# Loving Sebastian



## GgC (Apr 2, 2013)

Two years ago I adopted Sebastian when he was barely 3 lbs. He was supposed to be a present for my husband on Father's Day even though my son very cleverly told me not to lie to myself -the kitten was for me...

It was love at first sight between us however, at times I wonder if this is a one way love story!
Sebastian personality didn't change much as he grew up and with the exception of the general kitten behavior, he has been pretty much the same all along, gorgeous, steady, strong and full of himself! 
Never a lap cat, during the day he follows me everywhere, plopping on the floor and looking at me with adoring eyes (so I think):-? I would tell him -Sebastian, I love you so much. To which he seems to replay -I know, I love me too...with blinking eyes :wink.

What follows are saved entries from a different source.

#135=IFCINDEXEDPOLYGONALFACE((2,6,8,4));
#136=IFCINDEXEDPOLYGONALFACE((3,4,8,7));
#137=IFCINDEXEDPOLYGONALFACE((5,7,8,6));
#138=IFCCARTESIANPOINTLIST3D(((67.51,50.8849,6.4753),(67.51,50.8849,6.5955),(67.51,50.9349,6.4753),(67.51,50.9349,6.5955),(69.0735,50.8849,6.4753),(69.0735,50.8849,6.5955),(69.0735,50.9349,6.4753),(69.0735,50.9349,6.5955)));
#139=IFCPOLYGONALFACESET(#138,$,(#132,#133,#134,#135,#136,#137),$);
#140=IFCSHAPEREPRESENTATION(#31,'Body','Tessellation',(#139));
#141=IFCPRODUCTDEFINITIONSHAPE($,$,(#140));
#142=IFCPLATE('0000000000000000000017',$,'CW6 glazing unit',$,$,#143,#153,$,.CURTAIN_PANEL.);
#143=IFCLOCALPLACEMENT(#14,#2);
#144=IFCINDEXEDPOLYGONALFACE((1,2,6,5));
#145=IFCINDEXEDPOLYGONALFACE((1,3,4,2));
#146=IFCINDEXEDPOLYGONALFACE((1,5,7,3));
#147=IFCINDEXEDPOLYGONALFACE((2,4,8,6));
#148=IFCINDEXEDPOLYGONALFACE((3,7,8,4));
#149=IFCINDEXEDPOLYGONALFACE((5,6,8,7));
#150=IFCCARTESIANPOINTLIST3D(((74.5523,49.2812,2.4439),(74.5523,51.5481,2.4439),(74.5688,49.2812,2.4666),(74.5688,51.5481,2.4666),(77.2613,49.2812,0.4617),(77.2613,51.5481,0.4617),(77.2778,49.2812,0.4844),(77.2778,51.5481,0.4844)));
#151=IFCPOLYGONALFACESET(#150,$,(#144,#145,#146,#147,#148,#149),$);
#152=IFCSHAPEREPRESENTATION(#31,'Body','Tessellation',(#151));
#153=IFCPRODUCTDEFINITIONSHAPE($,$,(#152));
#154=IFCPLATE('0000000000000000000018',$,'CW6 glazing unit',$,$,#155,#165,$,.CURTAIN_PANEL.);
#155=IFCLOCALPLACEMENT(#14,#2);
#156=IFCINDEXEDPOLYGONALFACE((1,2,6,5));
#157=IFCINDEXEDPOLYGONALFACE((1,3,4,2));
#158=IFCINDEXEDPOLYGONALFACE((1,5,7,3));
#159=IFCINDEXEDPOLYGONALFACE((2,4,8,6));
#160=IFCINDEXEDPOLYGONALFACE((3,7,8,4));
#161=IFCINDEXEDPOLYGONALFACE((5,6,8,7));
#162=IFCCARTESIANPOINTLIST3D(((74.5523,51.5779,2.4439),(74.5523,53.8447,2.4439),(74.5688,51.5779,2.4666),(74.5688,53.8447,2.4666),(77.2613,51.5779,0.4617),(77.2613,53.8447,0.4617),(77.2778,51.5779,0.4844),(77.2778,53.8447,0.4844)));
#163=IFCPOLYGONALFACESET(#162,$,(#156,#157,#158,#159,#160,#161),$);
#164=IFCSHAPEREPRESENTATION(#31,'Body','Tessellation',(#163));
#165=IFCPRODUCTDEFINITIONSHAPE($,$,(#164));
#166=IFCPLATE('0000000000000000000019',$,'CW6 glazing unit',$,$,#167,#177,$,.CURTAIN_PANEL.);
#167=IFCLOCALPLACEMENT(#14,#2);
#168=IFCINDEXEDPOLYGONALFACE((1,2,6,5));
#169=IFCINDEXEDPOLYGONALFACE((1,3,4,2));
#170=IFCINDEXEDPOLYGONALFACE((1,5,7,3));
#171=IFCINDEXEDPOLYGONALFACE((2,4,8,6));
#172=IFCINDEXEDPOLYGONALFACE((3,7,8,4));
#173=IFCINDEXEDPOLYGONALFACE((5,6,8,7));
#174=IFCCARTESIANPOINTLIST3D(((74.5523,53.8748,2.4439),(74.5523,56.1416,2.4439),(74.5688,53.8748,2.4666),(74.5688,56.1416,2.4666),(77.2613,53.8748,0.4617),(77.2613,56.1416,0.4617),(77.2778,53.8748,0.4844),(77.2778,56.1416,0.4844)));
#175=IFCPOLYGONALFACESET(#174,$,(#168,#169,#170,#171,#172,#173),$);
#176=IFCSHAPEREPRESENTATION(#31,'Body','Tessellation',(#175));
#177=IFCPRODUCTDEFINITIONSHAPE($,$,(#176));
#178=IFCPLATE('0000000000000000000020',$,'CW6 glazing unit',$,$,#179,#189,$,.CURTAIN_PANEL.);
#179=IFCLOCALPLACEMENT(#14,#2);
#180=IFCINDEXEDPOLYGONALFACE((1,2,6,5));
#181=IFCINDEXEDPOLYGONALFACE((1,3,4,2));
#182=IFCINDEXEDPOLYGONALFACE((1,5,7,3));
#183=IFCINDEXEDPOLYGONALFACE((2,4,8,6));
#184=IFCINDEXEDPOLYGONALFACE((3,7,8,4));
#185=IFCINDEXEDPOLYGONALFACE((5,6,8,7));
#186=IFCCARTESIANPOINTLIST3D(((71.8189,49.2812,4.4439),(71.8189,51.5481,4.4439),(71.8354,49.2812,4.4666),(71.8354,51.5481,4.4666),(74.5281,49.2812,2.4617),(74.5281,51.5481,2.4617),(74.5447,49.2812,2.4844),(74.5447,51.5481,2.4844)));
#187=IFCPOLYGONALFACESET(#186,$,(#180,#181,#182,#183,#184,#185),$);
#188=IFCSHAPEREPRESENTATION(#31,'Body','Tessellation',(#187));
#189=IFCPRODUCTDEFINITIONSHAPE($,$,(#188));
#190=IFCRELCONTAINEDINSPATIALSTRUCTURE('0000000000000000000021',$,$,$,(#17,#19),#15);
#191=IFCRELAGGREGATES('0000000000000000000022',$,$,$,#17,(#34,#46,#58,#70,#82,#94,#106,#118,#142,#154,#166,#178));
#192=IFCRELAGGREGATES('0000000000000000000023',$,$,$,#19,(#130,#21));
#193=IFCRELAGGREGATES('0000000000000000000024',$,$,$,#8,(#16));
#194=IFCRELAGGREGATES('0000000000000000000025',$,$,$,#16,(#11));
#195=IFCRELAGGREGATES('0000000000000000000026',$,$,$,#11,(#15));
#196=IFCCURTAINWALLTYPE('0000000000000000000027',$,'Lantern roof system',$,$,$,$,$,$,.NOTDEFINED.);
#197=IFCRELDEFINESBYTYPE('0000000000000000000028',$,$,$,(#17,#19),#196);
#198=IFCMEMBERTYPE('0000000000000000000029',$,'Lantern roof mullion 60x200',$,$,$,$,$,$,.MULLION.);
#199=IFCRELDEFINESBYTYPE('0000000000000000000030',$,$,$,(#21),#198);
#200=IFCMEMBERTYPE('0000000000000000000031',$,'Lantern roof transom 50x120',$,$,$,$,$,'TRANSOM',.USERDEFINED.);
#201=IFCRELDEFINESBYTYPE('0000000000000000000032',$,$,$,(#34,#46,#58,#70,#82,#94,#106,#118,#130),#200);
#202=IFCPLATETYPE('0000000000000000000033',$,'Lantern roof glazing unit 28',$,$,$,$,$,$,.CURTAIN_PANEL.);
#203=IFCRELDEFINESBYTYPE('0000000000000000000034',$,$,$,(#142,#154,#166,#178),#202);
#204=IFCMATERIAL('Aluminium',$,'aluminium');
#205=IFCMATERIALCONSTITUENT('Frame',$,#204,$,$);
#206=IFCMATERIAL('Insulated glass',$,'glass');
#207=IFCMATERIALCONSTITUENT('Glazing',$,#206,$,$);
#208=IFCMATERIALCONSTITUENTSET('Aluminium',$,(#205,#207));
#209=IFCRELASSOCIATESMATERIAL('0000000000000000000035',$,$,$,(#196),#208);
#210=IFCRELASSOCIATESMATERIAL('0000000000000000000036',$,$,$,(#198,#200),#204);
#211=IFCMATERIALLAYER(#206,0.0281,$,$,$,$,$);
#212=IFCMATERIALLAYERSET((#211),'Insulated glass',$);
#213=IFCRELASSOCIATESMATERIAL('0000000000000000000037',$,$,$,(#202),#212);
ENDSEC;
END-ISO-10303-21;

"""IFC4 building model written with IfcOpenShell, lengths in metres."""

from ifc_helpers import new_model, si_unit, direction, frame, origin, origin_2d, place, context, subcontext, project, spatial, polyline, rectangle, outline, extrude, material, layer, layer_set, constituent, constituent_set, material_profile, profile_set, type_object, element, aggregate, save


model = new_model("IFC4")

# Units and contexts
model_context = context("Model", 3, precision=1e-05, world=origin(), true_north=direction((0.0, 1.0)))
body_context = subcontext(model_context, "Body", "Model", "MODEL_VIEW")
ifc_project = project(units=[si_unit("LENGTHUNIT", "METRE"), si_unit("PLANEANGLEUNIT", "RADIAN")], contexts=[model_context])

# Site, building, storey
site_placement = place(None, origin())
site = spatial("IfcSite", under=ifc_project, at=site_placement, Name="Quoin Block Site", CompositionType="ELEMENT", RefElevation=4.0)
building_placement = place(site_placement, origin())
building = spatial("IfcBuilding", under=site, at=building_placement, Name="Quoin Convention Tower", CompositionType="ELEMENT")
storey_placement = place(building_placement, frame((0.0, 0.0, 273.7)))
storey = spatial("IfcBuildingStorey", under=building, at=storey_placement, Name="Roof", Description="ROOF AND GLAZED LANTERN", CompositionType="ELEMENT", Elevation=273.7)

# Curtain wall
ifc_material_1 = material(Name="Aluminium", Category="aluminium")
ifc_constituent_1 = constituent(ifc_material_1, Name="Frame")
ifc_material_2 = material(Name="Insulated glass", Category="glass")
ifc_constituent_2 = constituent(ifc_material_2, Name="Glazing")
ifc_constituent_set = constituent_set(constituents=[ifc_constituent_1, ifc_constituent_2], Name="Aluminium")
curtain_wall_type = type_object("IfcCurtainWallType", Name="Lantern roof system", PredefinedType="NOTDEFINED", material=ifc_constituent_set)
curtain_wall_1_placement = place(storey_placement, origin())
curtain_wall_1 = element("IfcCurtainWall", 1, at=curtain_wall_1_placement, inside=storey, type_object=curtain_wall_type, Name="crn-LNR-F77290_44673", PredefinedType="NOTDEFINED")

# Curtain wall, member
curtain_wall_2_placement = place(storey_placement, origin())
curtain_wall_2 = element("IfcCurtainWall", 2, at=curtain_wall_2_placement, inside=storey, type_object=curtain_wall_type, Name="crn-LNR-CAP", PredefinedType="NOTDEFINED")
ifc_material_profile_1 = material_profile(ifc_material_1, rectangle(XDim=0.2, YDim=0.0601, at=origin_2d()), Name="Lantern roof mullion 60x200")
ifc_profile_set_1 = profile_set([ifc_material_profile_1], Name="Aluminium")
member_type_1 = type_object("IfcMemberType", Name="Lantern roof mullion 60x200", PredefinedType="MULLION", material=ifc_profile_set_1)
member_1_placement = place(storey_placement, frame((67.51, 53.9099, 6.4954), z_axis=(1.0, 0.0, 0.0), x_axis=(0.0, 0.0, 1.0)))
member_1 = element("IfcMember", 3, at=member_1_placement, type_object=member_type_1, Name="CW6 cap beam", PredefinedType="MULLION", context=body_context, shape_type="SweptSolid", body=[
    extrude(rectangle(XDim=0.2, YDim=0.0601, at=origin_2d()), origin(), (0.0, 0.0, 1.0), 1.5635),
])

On the other hand every night in the middle of the night he crawls on my shoulder kissing my cheeks and hugging my face with his paws. He stays there for a while and then off he goes.
How I long for those late night moments...at times they fill some empty hole in my soul, at other times he has been a warm blanket over a broken heart, a soothing balm after a rough day, or it's just the welcoming simplicity of a pet's love...

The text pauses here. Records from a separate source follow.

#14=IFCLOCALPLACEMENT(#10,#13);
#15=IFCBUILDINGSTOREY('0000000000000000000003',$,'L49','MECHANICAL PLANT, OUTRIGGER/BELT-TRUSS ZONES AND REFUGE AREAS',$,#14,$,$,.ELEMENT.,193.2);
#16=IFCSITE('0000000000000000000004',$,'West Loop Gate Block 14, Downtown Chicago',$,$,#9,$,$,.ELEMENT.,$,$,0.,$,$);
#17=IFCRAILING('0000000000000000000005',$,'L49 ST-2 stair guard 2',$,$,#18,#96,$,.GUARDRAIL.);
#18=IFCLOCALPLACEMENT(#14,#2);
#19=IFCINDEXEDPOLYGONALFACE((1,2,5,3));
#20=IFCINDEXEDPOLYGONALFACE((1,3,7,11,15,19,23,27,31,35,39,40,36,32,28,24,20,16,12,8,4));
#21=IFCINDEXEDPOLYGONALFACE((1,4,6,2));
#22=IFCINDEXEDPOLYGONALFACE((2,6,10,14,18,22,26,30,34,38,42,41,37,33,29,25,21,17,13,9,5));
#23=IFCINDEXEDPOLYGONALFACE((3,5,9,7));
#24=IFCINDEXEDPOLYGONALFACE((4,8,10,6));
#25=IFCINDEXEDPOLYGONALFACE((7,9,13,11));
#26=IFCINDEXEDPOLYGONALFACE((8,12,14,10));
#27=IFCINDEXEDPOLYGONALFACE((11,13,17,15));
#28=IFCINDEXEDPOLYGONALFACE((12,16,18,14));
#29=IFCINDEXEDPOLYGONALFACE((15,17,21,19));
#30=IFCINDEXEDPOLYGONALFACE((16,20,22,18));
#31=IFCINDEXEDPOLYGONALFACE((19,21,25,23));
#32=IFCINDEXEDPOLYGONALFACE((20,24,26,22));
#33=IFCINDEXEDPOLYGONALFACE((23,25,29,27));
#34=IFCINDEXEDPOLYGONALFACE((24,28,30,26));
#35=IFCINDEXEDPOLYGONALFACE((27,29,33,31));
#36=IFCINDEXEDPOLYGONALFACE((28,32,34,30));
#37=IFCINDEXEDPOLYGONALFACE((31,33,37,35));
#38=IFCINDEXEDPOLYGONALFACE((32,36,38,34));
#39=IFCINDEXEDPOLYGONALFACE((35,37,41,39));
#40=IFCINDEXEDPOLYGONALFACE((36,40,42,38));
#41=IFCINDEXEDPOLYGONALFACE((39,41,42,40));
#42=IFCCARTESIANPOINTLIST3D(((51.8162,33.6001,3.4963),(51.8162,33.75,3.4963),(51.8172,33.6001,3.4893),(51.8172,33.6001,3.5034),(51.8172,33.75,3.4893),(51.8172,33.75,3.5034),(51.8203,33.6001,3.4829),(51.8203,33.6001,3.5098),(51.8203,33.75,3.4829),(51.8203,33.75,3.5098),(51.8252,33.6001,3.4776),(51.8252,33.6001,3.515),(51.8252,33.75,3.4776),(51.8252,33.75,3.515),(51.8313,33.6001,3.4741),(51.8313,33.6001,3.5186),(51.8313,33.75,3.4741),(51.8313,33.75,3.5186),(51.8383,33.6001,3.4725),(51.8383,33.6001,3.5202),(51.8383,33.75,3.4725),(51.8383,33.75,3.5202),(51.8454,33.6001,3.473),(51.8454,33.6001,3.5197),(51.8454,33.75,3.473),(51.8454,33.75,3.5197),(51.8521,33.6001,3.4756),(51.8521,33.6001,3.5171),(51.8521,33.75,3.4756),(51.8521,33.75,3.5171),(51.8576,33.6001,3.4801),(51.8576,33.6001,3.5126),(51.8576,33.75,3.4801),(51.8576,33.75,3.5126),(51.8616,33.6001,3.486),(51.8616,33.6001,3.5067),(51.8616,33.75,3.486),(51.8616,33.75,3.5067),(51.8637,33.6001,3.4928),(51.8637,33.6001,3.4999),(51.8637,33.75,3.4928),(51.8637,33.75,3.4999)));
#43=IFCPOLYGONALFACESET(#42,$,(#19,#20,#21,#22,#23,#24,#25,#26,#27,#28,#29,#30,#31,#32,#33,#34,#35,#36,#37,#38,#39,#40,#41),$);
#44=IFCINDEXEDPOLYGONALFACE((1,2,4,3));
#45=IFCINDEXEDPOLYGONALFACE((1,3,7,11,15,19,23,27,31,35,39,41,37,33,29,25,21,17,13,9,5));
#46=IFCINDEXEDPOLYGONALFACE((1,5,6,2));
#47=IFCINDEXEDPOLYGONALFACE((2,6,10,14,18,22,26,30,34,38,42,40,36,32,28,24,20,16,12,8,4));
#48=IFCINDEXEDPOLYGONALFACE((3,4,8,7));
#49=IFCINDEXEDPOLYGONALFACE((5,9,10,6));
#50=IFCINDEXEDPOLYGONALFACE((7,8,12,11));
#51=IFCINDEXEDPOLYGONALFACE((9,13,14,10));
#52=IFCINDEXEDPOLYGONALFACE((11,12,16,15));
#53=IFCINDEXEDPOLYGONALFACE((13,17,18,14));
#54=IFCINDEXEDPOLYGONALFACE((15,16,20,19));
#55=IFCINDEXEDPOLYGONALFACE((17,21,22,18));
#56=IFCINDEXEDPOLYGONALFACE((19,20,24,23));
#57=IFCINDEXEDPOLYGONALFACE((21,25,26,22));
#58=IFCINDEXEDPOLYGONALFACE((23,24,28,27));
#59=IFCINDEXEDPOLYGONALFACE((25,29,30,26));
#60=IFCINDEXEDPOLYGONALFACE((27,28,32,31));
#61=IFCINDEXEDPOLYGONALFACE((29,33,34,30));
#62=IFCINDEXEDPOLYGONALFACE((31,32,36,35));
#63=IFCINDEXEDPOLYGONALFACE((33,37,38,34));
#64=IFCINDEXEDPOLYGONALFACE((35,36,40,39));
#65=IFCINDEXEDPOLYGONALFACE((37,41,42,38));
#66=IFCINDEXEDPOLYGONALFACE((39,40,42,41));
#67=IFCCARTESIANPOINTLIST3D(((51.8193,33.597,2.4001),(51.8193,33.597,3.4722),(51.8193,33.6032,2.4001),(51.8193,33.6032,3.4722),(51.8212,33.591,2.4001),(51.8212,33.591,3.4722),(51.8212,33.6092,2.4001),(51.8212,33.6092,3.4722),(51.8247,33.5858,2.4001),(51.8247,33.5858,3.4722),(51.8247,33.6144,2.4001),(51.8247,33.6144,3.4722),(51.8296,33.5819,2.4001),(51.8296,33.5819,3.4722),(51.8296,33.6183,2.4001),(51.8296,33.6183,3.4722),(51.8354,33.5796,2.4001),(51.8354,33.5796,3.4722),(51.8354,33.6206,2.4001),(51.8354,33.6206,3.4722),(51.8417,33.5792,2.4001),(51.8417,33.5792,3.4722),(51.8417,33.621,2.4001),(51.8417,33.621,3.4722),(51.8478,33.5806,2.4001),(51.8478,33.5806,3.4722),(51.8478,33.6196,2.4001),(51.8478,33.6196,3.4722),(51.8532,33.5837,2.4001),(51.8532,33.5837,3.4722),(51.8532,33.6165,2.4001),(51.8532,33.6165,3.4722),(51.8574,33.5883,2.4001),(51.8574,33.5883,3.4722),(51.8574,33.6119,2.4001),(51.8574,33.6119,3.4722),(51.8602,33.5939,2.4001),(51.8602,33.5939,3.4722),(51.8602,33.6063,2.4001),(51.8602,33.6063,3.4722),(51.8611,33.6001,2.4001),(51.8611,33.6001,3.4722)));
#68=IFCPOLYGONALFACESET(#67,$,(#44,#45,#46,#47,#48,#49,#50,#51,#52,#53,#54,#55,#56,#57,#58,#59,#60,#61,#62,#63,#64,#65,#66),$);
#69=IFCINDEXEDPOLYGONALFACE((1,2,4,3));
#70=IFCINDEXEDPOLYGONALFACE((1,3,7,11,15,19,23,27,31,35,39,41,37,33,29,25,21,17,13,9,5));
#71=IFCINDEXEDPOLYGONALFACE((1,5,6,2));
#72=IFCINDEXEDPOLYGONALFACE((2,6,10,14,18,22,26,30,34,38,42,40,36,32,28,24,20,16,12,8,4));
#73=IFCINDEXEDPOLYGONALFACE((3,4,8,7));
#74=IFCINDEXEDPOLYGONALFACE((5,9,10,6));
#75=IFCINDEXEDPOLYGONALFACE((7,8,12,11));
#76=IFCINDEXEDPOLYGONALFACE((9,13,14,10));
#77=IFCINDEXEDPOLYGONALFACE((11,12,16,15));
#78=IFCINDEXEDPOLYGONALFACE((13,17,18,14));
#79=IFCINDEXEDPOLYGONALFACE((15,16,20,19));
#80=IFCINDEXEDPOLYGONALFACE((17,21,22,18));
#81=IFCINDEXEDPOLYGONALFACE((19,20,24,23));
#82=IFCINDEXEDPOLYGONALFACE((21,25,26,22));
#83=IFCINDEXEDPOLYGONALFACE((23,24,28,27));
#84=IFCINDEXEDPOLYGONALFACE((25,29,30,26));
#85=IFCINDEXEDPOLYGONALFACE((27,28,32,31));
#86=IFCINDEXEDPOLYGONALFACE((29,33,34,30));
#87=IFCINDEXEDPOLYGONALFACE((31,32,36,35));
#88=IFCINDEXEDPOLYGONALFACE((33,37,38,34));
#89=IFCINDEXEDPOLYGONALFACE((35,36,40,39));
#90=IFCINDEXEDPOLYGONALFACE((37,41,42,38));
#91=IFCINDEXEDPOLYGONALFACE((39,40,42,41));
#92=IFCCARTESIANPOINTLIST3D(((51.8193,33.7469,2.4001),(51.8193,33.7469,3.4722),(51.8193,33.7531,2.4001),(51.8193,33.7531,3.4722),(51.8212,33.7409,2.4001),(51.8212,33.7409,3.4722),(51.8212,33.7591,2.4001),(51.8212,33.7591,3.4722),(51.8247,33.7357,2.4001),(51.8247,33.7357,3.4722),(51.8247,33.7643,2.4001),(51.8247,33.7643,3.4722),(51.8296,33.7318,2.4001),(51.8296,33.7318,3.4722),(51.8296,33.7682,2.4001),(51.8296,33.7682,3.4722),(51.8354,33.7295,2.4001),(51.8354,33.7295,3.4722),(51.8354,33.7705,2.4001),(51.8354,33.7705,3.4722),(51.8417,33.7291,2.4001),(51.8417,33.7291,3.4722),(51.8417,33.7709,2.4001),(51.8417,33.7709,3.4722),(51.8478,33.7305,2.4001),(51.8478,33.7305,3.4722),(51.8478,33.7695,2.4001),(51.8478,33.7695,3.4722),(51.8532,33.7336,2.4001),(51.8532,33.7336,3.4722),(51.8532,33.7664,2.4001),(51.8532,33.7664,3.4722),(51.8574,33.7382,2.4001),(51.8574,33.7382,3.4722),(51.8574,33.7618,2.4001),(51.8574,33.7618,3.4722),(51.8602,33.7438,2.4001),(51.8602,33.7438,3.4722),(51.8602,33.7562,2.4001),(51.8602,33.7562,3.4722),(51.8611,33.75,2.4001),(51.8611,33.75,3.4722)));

Not an expert in cat behavior by any means, sometimes I wonder if something we did caused him to be a daytime aloof lover?

Whatever the reason, I have learned to accept Sebastian's affections in the way he gives them, happy to gaze into his blinking eyes during the day and waiting for those wee hours of the morning when he comes and cuddles as if saying -I love you too mother, I love you too...


----------



## bobbiemama (Apr 8, 2013)

CgC, you write beautifully, thanks! I understand, Bobbie is a bit stand-offish, but she seeks me out at least once a day with kisses and snuffles and then goes back to the secret hidden dimension cats go to for some space.. She sleeps back-to-back with me, though, lots of purrs at night, and sleeps nowhere but with me. Bed hog, too. I think this is just an aspect of cats' personalities. They love us, but they have very healthy self-esteem, as well, and do as they like, confident in their choices. No possessiveness, they know who to trust, and that you'll always be there, no matter who else is around. I want to be a cat when I come around again!


----------



## GgC (Apr 2, 2013)

Thank you. 
I see you speak cat very well, a language I am starting to learn and understand a little.
Glad to know Bobbie and Sebastian share that healthy stand-offish self esteem yet still come along to dispense love for us.

Best Regards to you and Bobbie.


----------



## Jakiepoo (Jan 5, 2013)

Sounds like he's showing a lot of daytime love too! Just not the way we see dogs do it, just the fact that he follows you around during the day means he likes you. We've had cats we'd be lucky to see once or twice a day, and they were indoor only cats! And then nice little slow blink? That means I love you in cat language!

My boy is the same, he likes to follow us around (while pretending that's NOT actually what he's doing, even though it is.) He then likes to snuggle to the max during the nights.


----------



## GgC (Apr 2, 2013)

So sweet...we do love our cats don't we? 
Bobbiemama below, pointed to their healthy self-esteem which my husband translated into *selfishteem* -even though he loves them too. 
After work, I can't wait to go home and hug them just to decompress.

Great having you around to share cat love...Gg


----------



## marie5890 (May 18, 2011)

GgC said:


> Two years ago I adopted Sebastian when he was barely 3 lbs. He was supposed to be a present for my husband on Father's Day even though my son very cleverly told me not to lie to myself -the kitten was for me...
> 
> It was love at first sight between us however, at times I wonder if this is a one way love story!
> Sebastian personality didn't change much as he grew up and with the exception of the general kitten behavior, he has been pretty much the same all along, gorgeous, steady, strong and full of himself!
> ...



Animals teach us what means to love, to really love, unconditionally, the way that we as humans fail miserably at.

Learn from him. Give it back to him, and all you meet.
That is his gift to you, the gift the Creator would really have us understand and accept.

Pure, unconditional, and unaduterated love.

We humans SUCK at it. Our Pets get it, in it's more pure form.

Give him petpets from all of us..


----------